The African Women's Development and Communication Network (FEMNET), founded in 1988 as part of a broader project to promote women's empowerment in Africa, prioritizes women's development in the field of communication, where they have created and managed platforms to share information, ideas, strategies and experiences to foster cross-learning and more effective implementation of shared goals. FEMNET provides strategic policy recommendations through the production of reports and policy briefs. It has led extensive local capacity building initiatives, such as facilitating women's access to ICTs in Africa. In Asia, the South Asia Women's Network (SWAN) has rolled out a research project titled ‘Women for Change: Building a Gendered Media in South Asia’. Covering nine South Asian countries, it is partly supported by UNESCO's International Programme for the Development of Communication.

In addition, a number of national organizations work locally to redress the disparity in women's representation and participation in the media. Women, Media and Development (known by its Arabic acronym TAM) is a Palestine-based organization founded in 2004. TAM works with local women to promote their increased representation in the media and to foster an environment where they are able to effectively communicate and advocate for their rights. TAM provides training for women on how to access and use various media platforms, in addition to promoting community awareness and advocacy initiatives. TAM has facilitated capacity building and worked to counter stereotypes of women in the media by producing gender sensitive guides and training manuals, in addition to implementing projects that aim to increase women's access to decision-making positions and civic participation.

=== Formal and informal professional associations ===
A number of formal and informal networks of women media professionals also support women in the media. One of the oldest is the Alliance for Women in Media (AWM), originally established in 1951 as American Women in Radio and television, which supports women across all media to expand their networks, participate in training and professional development and celebrate their talents.

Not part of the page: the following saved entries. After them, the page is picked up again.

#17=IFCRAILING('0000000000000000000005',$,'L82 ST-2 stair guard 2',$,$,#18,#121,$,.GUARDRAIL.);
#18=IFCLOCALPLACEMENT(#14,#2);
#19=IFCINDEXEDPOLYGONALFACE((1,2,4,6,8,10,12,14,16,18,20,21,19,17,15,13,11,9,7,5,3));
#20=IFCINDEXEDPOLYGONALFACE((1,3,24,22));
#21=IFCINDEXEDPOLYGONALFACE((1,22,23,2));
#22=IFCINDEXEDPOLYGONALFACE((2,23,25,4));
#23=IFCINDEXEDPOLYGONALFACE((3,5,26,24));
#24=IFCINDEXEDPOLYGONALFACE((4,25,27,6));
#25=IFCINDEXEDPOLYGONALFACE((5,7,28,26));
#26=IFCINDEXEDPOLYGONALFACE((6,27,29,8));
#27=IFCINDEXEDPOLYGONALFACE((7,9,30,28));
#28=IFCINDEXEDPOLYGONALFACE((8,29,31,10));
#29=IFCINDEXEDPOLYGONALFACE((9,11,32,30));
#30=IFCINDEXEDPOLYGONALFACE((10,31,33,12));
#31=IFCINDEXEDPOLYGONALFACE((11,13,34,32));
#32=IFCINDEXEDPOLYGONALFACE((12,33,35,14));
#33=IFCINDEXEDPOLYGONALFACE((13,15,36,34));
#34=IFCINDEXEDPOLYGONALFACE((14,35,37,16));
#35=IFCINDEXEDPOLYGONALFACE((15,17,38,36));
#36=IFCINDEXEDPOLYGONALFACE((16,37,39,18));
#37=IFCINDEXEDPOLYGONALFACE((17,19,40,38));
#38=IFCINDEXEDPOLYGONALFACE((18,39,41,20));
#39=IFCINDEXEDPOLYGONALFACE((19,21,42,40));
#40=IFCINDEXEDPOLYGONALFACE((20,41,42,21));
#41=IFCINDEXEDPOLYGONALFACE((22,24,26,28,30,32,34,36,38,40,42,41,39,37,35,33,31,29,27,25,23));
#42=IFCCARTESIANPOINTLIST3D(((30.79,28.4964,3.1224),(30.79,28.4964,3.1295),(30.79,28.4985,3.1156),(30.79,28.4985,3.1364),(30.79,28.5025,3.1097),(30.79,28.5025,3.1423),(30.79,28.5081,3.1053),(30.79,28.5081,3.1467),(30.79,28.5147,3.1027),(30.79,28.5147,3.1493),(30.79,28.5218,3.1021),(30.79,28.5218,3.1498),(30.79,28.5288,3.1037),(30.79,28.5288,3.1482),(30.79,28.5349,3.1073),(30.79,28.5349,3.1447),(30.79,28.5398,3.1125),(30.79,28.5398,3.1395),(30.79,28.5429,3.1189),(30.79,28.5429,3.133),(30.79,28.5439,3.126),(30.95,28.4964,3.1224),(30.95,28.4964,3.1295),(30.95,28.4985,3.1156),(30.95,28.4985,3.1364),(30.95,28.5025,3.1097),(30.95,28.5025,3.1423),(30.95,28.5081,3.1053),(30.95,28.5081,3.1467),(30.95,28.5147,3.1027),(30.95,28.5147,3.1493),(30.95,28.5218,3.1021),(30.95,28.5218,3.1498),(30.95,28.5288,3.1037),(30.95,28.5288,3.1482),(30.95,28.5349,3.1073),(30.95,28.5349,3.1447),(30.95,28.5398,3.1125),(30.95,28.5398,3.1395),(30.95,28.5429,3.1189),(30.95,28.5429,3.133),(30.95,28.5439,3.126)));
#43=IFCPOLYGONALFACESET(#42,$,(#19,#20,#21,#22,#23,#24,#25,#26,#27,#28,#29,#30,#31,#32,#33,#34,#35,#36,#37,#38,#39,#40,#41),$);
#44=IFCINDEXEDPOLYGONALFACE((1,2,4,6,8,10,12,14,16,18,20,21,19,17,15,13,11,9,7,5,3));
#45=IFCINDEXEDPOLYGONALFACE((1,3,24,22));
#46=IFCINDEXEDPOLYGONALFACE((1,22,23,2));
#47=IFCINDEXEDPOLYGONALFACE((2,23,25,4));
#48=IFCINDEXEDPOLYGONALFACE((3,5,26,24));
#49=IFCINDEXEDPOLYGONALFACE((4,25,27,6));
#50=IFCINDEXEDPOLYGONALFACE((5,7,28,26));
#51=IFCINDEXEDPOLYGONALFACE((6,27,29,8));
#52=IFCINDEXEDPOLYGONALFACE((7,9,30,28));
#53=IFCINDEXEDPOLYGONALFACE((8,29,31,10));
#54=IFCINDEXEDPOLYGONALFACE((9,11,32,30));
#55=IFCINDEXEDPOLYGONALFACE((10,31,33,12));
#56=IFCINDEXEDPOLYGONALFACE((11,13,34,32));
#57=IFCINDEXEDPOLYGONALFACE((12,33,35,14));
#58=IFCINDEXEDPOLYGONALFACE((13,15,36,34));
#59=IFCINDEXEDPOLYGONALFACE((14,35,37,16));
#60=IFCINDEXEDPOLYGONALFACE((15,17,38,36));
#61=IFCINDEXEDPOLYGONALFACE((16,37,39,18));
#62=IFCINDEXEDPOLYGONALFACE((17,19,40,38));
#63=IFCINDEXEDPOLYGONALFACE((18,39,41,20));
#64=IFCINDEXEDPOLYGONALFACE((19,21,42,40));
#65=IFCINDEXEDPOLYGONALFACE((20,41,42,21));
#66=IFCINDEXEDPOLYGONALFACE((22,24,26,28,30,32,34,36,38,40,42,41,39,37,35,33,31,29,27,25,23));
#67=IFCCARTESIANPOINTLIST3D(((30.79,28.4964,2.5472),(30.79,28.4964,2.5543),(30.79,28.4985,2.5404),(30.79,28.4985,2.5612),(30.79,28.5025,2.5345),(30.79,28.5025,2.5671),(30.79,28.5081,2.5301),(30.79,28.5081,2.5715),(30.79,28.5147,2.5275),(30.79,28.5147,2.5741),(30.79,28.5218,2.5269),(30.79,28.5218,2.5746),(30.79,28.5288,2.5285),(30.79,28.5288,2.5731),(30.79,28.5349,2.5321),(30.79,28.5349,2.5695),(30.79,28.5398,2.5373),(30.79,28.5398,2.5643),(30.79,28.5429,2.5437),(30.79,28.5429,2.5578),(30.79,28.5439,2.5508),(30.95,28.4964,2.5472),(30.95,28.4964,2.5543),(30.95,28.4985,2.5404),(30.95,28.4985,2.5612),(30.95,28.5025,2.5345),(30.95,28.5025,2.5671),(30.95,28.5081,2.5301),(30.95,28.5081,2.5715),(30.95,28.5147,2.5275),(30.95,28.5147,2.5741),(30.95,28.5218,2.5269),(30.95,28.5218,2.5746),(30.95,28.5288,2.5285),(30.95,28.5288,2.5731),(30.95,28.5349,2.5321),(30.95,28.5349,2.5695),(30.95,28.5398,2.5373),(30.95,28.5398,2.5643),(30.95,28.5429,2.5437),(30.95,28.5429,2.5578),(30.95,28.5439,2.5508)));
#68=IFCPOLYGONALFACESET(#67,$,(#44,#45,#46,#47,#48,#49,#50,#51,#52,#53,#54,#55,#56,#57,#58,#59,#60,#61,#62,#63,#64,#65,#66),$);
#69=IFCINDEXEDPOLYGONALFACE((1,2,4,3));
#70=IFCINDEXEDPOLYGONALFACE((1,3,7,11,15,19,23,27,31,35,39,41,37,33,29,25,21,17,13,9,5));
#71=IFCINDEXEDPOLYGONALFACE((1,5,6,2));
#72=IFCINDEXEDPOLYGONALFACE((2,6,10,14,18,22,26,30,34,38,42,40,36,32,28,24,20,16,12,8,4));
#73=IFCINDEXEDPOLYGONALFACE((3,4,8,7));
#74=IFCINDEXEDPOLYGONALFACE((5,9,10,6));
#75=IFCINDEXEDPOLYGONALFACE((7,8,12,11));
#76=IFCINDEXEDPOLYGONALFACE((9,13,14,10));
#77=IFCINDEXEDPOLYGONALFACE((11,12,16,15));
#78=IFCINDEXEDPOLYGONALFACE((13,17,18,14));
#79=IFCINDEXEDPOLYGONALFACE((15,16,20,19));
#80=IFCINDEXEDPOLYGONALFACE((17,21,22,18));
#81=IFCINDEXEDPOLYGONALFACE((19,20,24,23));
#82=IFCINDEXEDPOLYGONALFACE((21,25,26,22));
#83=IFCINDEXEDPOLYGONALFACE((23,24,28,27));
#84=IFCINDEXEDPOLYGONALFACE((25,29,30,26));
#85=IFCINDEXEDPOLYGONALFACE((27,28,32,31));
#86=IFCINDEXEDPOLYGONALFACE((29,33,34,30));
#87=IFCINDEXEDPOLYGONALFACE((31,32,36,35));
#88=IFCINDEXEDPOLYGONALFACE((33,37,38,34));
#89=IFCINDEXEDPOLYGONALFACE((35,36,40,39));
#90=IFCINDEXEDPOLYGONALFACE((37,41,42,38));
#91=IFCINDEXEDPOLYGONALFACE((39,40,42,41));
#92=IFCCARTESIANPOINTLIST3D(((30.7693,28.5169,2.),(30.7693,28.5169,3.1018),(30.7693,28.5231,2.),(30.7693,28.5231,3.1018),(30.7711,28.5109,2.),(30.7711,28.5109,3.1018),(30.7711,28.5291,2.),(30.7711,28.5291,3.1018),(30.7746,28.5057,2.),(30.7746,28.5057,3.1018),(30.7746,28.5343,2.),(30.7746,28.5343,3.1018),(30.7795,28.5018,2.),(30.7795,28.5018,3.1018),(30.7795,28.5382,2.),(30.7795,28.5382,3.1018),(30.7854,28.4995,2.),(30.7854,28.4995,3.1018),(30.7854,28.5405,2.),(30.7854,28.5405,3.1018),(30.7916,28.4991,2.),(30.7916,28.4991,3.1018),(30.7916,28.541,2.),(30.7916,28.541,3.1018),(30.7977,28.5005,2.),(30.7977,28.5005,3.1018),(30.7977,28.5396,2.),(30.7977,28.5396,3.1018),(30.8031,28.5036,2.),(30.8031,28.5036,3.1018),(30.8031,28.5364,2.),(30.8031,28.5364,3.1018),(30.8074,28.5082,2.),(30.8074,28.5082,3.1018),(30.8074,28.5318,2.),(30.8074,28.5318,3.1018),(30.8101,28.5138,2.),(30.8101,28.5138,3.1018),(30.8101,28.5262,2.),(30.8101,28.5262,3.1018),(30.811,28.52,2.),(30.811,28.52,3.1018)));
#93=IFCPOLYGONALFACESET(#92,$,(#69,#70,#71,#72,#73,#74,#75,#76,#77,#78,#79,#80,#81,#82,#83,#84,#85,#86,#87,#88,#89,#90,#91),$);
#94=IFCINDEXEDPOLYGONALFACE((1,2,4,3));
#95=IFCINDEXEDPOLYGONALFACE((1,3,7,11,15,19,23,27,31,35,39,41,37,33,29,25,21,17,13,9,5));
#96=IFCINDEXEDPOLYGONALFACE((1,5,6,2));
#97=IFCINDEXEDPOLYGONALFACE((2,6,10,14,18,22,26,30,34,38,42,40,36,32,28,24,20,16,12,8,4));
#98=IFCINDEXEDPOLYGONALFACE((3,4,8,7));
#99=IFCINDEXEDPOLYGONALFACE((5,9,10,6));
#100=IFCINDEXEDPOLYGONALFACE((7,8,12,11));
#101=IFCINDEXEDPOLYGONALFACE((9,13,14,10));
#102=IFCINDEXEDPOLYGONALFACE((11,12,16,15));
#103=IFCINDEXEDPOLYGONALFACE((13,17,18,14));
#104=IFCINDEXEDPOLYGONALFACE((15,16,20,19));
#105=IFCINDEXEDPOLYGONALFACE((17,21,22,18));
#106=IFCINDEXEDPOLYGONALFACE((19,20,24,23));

In 1975, it began its annual program of awards to recognize the work of program-makers and content-providers in promoting women and women's issues. A more regionally focused example is the Marie Colvin Journalists’ Network, a bilingual Arabic-English online community of women journalists working in the Arab world that aims to assist vulnerable local women journalists who lack support in relation to safety training, legal contracts, insurance or psychological care.

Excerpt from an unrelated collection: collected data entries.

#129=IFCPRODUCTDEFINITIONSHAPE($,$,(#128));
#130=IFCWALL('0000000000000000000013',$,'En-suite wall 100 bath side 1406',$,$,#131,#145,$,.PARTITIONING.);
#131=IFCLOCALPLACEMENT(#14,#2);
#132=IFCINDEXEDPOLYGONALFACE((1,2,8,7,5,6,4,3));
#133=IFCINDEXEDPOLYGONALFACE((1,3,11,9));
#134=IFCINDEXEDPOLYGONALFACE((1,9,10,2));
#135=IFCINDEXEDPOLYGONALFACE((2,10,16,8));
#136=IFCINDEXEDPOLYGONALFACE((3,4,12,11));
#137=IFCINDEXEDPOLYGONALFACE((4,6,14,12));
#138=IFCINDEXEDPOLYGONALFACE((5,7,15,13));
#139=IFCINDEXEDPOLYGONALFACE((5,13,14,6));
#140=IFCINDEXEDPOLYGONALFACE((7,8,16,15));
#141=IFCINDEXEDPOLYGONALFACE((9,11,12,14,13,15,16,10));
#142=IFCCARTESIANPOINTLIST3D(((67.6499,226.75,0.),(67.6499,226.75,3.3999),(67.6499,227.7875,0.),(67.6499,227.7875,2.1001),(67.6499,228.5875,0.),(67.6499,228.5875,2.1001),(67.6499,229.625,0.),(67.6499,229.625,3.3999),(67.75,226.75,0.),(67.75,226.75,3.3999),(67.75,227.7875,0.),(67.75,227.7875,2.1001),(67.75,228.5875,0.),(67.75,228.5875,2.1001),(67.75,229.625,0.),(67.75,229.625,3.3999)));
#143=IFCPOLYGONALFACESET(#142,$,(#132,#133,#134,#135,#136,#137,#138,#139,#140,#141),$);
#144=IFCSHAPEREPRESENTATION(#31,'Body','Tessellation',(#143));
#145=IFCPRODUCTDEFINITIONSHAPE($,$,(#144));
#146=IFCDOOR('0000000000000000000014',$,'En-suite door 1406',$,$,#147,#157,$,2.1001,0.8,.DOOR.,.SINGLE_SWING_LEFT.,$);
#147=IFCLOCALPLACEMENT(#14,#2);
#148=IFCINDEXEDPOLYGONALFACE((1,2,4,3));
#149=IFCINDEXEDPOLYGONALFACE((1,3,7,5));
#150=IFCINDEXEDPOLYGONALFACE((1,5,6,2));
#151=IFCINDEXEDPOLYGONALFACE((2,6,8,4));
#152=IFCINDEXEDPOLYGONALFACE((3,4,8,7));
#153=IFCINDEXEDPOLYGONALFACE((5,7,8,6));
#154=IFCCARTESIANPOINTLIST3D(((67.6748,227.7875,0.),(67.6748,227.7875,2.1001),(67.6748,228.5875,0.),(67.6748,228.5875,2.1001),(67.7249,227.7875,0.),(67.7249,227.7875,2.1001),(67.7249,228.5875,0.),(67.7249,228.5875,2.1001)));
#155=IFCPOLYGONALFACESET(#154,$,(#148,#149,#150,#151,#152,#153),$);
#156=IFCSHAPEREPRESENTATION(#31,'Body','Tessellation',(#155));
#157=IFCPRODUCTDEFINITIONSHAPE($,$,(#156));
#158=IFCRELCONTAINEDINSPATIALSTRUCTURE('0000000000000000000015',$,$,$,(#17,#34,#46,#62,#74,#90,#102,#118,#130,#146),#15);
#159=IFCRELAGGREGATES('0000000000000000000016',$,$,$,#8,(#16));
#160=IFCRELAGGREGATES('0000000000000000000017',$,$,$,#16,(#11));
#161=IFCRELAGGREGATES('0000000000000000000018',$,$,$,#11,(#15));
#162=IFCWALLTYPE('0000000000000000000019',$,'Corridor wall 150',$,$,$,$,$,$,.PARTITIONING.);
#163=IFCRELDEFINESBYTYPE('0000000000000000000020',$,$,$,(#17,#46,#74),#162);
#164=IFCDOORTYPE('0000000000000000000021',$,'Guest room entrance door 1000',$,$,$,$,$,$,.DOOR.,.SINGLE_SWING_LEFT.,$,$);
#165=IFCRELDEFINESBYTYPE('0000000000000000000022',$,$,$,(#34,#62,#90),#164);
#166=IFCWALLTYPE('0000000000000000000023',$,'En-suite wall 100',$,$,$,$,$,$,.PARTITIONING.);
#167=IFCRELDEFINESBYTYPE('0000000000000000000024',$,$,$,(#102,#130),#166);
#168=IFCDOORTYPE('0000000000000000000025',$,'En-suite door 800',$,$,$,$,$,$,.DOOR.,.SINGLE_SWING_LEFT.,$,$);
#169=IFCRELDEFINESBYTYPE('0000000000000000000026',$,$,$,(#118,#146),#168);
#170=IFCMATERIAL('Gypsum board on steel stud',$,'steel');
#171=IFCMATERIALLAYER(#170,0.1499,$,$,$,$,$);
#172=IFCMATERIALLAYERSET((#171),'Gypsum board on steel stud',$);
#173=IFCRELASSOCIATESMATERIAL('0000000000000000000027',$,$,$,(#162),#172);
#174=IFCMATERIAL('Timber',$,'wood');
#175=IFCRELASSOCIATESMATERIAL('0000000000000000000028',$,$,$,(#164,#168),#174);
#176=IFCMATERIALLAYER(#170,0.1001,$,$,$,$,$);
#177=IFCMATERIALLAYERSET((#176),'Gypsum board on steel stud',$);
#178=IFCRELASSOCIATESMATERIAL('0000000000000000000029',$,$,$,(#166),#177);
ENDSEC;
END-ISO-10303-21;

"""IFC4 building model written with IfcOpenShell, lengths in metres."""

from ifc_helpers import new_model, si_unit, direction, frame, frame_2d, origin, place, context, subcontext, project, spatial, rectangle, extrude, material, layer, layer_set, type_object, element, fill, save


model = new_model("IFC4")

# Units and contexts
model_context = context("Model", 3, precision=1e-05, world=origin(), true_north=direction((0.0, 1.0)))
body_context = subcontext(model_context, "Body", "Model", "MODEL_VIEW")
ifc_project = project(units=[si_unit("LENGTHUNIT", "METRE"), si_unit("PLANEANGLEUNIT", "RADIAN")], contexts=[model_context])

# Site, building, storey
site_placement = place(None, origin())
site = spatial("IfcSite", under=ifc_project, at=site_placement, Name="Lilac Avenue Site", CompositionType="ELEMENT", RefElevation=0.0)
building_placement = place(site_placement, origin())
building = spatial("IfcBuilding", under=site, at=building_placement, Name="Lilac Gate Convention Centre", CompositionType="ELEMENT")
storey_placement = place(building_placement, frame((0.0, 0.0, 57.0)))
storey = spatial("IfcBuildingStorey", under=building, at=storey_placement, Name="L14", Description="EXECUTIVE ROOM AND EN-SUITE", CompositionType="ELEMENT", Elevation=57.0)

Media unions at local, regional and global levels have established caucuses for women and have campaigned to encourage more women to stand for elected office within formal union structures. In 2001, the International Federation of Journalists found that women represented 29 per cent of union membership in 38 countries but just 17 per cent of members on union governing bodies: in its 2010 report, it found that women's representation on boards had increased only slightly, to 15 per cent. In Europe, between 2006 and 2013, women's union membership went down from 45 per cent to 42 per cent and board membership also declined, from 39 per cent to 36 per cent.